Alberto Velásquez Martínez
El Colombiano, Medellín
Diciembre 2 de 2009
Las pocas democracias reales que hay en esta zona del hemisferio occidental, no pueden llamarse más a engaños. La sociedad establecida por Chávez con el dictador iraní Ahmadinejad, es la protocolización de un depósito de detonantes para alimentar conflictos que pasen del campo ideológico al marcial.
Chávez sabe para dónde va. Sus agresiones verbales las respalda con su acelerada carrera armamentista. Y busca toda clase de socios para querer intimidar a lo que llama el Imperio Yanqui. Encuentra en el señor de Irán, al déspota que le hacía falta para completar el combo de la camorra. Un delirante que como Chávez, no respeta las libertades. Que persigue los derechos humanos. Que discrimina y reduce a su mínima expresión a la mujer. Que se le acusa de crímenes contra la población infantil. Elegido bajo signos evidentes de fraude electoral.
Seguramente entre los presupuestos del autócrata iraní está el de utilizar a Venezuela como plataforma para construir sus armas nucleares. No disuasivas, sino que en manos de orates se tornan destructivas. Tan peligrosas como las de fuego en manos de párvulos. Venezuela aportaría el uranio -en el cual es rico- y la macabra tecnología la pondría Irán, país que va a construir 10 plantas de enriquecimiento de uranio, importándole un pepino la condena de la ONU. Y encontró en Venezuela el proveedor del elemento radiactivo con el cual montará la bomba atómica para animar los conflictos internacionales.
Con las 7 bases colombianas, que ocuparán a sus anchas los Estados Unidos, no solo se obsesiona Chávez y buena parte del continente latinoamericano, sino que con ellas se evidencia el sentimiento antigringo de la mayoría de las naciones que están entre el Río Grande y la Patagonia. Le ha faltado claridad y persuasión a los gobernantes estadounidenses para explicar y convencer que su misión es la de perseguir el terrorismo, antes que meter las narices en los destinos autónomos de las naciones americanas.
Estados Unidos parecería no sentirse mortificado con las agresiones de Chávez. Quizá lo despierte de su modorra el peligro que se establece con el comercio de uranio, rumbo a los laboratorios y experimentos iraníes. Deja que los berrinches chavistas los soporte con excesiva prudencia Colombia. El megalómano venezolano cierra fronteras. Viola toda clase de acuerdos comerciales, amparados por disposiciones internacionales. Tumba puentes.

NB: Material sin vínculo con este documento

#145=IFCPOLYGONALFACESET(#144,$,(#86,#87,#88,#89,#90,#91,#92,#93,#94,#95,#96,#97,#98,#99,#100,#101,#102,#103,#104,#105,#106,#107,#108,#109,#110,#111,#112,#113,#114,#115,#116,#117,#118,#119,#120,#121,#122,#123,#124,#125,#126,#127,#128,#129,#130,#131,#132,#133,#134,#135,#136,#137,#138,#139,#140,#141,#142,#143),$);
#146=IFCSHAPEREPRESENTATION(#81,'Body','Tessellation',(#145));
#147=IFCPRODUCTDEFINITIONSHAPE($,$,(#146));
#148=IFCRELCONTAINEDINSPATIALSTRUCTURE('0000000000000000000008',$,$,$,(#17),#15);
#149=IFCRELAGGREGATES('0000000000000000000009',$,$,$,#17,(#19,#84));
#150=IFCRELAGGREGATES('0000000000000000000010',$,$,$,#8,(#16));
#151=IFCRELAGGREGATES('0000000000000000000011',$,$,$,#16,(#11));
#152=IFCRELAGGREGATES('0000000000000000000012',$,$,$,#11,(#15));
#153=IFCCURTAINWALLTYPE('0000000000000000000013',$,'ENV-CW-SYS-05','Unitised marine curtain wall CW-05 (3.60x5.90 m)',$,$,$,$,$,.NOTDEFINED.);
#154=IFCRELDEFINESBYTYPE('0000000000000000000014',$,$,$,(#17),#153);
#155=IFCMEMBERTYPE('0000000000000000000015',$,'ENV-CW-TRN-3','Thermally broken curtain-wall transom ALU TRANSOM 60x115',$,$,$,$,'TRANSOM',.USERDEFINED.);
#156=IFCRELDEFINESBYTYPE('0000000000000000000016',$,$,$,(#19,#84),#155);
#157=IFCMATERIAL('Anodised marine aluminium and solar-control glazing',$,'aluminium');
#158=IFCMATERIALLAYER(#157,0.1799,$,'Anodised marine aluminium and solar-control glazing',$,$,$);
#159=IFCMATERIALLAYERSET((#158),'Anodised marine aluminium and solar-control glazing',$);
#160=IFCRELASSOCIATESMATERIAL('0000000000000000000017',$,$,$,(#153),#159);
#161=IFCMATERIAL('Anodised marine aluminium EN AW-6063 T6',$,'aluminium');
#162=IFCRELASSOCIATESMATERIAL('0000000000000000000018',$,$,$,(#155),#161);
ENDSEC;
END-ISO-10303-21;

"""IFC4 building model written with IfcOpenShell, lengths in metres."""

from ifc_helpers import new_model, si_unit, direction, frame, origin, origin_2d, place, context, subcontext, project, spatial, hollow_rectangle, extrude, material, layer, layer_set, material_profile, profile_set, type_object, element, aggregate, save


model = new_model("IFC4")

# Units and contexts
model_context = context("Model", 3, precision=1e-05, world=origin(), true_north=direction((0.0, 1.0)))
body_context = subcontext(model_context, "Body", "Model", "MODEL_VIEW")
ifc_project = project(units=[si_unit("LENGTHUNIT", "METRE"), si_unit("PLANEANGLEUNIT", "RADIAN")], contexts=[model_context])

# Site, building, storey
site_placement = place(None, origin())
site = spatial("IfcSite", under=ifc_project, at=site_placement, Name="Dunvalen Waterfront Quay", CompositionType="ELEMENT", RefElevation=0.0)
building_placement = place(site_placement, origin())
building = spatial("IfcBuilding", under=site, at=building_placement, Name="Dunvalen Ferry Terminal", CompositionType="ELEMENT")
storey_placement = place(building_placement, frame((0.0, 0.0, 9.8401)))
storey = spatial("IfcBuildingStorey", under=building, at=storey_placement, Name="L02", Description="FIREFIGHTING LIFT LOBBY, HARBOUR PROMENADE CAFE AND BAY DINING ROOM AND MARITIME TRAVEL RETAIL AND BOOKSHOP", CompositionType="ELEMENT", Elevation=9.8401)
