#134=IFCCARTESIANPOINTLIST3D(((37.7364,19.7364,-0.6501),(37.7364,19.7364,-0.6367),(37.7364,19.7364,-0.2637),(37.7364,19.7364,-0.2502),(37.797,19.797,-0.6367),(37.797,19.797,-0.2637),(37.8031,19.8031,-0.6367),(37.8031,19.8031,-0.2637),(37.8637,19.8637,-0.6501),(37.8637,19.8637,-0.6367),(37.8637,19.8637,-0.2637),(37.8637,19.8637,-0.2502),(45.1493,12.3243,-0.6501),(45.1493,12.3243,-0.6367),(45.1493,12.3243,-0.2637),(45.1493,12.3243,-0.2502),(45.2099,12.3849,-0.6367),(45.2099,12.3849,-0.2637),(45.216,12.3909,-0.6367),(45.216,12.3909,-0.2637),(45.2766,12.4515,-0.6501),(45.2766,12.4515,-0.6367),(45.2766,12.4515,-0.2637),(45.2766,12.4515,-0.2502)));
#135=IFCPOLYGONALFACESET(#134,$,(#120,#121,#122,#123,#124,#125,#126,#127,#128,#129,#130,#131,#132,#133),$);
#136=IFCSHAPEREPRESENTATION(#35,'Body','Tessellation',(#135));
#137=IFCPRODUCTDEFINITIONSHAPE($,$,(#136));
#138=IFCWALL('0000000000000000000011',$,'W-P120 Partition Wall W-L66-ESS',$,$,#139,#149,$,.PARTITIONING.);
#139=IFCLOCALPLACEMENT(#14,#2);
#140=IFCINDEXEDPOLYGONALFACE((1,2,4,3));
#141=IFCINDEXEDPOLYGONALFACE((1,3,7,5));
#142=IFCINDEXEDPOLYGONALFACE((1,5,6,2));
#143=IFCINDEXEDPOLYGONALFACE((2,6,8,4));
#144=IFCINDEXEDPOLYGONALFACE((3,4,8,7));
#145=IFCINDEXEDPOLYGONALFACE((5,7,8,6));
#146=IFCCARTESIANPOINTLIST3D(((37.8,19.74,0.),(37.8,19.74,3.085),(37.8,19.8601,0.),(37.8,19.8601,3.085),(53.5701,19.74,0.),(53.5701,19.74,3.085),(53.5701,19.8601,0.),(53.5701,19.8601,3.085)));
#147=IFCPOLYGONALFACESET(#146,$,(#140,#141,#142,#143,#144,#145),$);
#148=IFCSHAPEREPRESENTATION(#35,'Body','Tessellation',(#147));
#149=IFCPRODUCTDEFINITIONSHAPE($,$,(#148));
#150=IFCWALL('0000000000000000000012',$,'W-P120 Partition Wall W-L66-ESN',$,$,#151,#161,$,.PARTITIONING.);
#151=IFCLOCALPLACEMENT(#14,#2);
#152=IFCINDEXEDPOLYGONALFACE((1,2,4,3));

Llama a sus gentes a prepararse para la guerra. De su país emigra la mano de obra profesional y sus empresarios dirigen sus inversiones a otras regiones. En las tiendas escasean los productos básicos de la canasta familiar. Así comenzó Cuba en los años sesenta del siglo pasado.

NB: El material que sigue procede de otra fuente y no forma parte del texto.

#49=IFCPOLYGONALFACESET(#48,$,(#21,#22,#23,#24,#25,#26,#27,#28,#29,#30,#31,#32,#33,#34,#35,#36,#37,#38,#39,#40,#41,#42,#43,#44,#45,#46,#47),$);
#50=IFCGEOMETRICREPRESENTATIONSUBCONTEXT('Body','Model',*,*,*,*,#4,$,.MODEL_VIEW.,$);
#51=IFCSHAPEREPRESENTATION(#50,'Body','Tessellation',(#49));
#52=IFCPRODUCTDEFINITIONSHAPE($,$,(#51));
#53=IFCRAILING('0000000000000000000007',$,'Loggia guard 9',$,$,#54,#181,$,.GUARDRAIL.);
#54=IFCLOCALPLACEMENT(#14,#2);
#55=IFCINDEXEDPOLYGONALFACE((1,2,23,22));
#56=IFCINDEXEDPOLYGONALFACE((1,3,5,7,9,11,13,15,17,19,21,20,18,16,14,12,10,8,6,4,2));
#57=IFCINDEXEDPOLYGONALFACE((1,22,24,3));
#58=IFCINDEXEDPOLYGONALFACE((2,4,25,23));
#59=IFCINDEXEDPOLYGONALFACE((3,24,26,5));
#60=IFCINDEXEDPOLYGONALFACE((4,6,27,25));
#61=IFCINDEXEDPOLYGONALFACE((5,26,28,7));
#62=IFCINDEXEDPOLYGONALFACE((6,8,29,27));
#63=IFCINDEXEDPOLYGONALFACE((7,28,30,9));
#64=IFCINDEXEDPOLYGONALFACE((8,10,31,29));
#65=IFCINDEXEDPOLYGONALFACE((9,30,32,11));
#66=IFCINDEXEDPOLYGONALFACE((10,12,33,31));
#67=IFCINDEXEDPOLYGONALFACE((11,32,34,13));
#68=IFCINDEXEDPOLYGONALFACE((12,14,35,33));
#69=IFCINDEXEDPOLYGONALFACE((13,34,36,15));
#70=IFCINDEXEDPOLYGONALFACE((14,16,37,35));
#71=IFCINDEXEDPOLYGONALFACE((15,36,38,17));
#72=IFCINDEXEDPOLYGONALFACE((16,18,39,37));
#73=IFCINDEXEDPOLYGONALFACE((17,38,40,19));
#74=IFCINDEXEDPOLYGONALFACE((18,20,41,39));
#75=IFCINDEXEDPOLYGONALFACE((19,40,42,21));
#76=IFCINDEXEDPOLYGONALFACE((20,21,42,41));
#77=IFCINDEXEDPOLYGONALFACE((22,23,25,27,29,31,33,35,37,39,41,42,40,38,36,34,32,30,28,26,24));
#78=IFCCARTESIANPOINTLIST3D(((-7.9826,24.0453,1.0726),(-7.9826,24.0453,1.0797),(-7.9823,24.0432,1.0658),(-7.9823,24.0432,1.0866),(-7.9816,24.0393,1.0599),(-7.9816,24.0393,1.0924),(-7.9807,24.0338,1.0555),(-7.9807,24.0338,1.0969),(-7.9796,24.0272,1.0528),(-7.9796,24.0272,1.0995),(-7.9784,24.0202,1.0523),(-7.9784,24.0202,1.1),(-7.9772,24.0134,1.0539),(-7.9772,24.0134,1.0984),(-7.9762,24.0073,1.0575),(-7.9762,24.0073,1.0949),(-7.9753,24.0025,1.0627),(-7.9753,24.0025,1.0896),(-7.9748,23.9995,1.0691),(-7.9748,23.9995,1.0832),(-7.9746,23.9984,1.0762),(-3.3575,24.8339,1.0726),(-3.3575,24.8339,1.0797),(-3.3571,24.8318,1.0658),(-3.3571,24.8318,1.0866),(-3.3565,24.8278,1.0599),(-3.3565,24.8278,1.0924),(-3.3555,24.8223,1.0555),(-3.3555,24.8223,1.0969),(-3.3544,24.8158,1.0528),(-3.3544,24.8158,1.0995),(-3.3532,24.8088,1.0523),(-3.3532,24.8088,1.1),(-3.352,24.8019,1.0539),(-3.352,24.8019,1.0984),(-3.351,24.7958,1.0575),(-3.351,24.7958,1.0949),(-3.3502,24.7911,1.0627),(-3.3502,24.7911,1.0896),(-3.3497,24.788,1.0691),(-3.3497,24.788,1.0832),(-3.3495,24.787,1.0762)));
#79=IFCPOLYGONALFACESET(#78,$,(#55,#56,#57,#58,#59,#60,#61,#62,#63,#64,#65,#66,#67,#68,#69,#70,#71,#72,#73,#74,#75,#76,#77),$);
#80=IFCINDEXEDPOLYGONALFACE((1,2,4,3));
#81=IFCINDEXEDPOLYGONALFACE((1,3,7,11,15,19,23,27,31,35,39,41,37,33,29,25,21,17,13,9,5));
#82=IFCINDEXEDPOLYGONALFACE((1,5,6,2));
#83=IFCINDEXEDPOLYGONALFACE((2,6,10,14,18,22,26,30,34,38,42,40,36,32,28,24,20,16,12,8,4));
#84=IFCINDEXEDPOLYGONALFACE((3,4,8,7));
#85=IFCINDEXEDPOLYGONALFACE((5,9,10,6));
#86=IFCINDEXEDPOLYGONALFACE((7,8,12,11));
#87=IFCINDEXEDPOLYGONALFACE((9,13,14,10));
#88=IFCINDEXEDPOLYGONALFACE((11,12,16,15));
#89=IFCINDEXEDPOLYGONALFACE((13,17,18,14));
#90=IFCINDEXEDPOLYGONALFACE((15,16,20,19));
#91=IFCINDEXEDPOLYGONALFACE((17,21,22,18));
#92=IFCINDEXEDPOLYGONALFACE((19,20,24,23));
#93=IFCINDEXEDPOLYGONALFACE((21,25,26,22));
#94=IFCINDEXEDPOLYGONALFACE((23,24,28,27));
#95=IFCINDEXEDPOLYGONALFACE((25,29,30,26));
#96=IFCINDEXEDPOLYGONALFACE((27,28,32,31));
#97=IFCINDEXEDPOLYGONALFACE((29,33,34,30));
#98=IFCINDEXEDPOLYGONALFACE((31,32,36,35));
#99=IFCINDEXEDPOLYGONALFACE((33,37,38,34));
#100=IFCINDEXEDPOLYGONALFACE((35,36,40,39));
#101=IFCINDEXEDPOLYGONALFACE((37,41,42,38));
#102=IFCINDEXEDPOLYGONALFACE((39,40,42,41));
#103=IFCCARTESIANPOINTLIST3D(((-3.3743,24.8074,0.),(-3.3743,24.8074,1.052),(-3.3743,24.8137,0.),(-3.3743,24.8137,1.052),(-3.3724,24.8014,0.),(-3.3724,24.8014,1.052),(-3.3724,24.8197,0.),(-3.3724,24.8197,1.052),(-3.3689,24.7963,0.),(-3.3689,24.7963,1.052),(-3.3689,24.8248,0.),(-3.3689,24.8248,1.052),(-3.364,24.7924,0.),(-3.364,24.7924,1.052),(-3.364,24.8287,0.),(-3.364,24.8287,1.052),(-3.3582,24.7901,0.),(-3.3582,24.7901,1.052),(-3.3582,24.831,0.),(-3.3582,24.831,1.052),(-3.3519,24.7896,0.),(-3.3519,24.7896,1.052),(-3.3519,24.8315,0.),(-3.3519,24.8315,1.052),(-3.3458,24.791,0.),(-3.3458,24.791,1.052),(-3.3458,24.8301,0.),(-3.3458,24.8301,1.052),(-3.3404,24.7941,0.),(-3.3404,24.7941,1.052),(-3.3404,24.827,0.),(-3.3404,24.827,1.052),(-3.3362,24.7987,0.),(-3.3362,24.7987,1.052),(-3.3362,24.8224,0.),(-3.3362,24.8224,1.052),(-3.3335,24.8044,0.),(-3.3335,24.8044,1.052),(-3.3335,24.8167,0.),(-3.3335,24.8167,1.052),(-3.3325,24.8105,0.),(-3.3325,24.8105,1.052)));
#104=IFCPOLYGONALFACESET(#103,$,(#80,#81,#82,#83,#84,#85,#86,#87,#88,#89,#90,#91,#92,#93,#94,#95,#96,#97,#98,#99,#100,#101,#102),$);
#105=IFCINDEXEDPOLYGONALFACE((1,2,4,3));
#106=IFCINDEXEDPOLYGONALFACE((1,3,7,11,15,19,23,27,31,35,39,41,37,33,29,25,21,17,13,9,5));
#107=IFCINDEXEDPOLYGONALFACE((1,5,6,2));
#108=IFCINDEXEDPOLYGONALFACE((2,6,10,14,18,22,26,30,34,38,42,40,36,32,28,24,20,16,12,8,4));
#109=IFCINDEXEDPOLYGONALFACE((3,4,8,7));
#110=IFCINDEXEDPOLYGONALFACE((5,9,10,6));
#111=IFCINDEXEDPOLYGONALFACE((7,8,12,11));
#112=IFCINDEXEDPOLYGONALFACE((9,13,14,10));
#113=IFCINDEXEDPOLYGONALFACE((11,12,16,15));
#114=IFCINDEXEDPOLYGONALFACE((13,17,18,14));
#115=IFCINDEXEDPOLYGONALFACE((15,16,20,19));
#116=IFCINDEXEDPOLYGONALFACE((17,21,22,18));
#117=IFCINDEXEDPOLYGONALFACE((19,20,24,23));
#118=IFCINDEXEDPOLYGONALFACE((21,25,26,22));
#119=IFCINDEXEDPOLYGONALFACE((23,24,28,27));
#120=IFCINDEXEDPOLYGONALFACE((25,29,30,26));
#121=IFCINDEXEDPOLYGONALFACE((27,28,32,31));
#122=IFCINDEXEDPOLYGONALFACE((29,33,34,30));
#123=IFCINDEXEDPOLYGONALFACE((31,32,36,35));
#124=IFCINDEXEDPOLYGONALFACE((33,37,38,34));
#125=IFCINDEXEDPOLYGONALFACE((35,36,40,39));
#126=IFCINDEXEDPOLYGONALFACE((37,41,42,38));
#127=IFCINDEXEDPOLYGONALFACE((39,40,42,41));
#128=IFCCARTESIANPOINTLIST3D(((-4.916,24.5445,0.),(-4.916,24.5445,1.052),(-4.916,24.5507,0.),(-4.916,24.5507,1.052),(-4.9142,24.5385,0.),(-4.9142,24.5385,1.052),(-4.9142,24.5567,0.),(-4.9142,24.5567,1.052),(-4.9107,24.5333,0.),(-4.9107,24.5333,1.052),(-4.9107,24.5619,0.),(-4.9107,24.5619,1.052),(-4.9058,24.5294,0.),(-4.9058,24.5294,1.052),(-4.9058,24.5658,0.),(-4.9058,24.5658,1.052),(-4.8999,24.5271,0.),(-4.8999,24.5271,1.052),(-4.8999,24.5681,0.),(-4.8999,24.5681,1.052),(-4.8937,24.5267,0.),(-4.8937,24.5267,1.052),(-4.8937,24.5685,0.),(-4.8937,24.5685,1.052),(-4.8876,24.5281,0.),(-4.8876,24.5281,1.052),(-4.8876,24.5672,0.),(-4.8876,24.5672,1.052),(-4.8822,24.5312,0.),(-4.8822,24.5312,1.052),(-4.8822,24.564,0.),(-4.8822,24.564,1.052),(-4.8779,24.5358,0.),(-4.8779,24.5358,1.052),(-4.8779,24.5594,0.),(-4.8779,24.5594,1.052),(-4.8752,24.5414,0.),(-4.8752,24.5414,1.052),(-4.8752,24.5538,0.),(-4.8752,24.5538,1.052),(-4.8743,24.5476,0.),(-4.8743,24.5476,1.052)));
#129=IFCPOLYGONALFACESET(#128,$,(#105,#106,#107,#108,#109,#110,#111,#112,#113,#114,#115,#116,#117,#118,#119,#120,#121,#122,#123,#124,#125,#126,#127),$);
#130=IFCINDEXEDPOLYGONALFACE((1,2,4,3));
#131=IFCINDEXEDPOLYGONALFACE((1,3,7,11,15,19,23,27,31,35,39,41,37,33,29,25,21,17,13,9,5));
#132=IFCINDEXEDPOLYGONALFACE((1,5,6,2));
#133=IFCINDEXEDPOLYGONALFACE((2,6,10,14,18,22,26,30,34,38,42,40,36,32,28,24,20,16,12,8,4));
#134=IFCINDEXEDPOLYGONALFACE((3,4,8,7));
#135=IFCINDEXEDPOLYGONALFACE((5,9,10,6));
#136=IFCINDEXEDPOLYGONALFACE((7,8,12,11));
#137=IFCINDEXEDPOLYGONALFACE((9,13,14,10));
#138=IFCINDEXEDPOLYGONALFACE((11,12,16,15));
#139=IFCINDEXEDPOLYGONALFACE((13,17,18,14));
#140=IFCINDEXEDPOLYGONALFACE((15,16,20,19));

Entre tanto, Obama sigue rígido como una esfinge. El Congreso norteamericano congela el TLC. Congresistas demócratas reclaman disminuir la ayuda militar a Colombia. Mientras puedan comprar petróleo a Venezuela, que Colombia haga el gasto y soporte los agravios.
Es la moral calvinista. El poder del dinero sobre los principios de la ética pública y de la solidaridad con sus aliados.
Chávez sabe para dónde va. Lo seduce el ensayo cubano. Ve que Castro comienza a entonar el melancólico canto del cisne. Con el petróleo, aspira a ser su sucesor. Y para eso lanza su mirada hacia aquellos déspotas que como Ahmadinejad, pueden crecer el sindicato -ampliado hoy con Pepe Mujica, el tupamaro/presidente de Uruguay- que necesita mayores refuerzos para seguir buscando el imperio del populismo y de la represión que quiere imponer a troche y moche.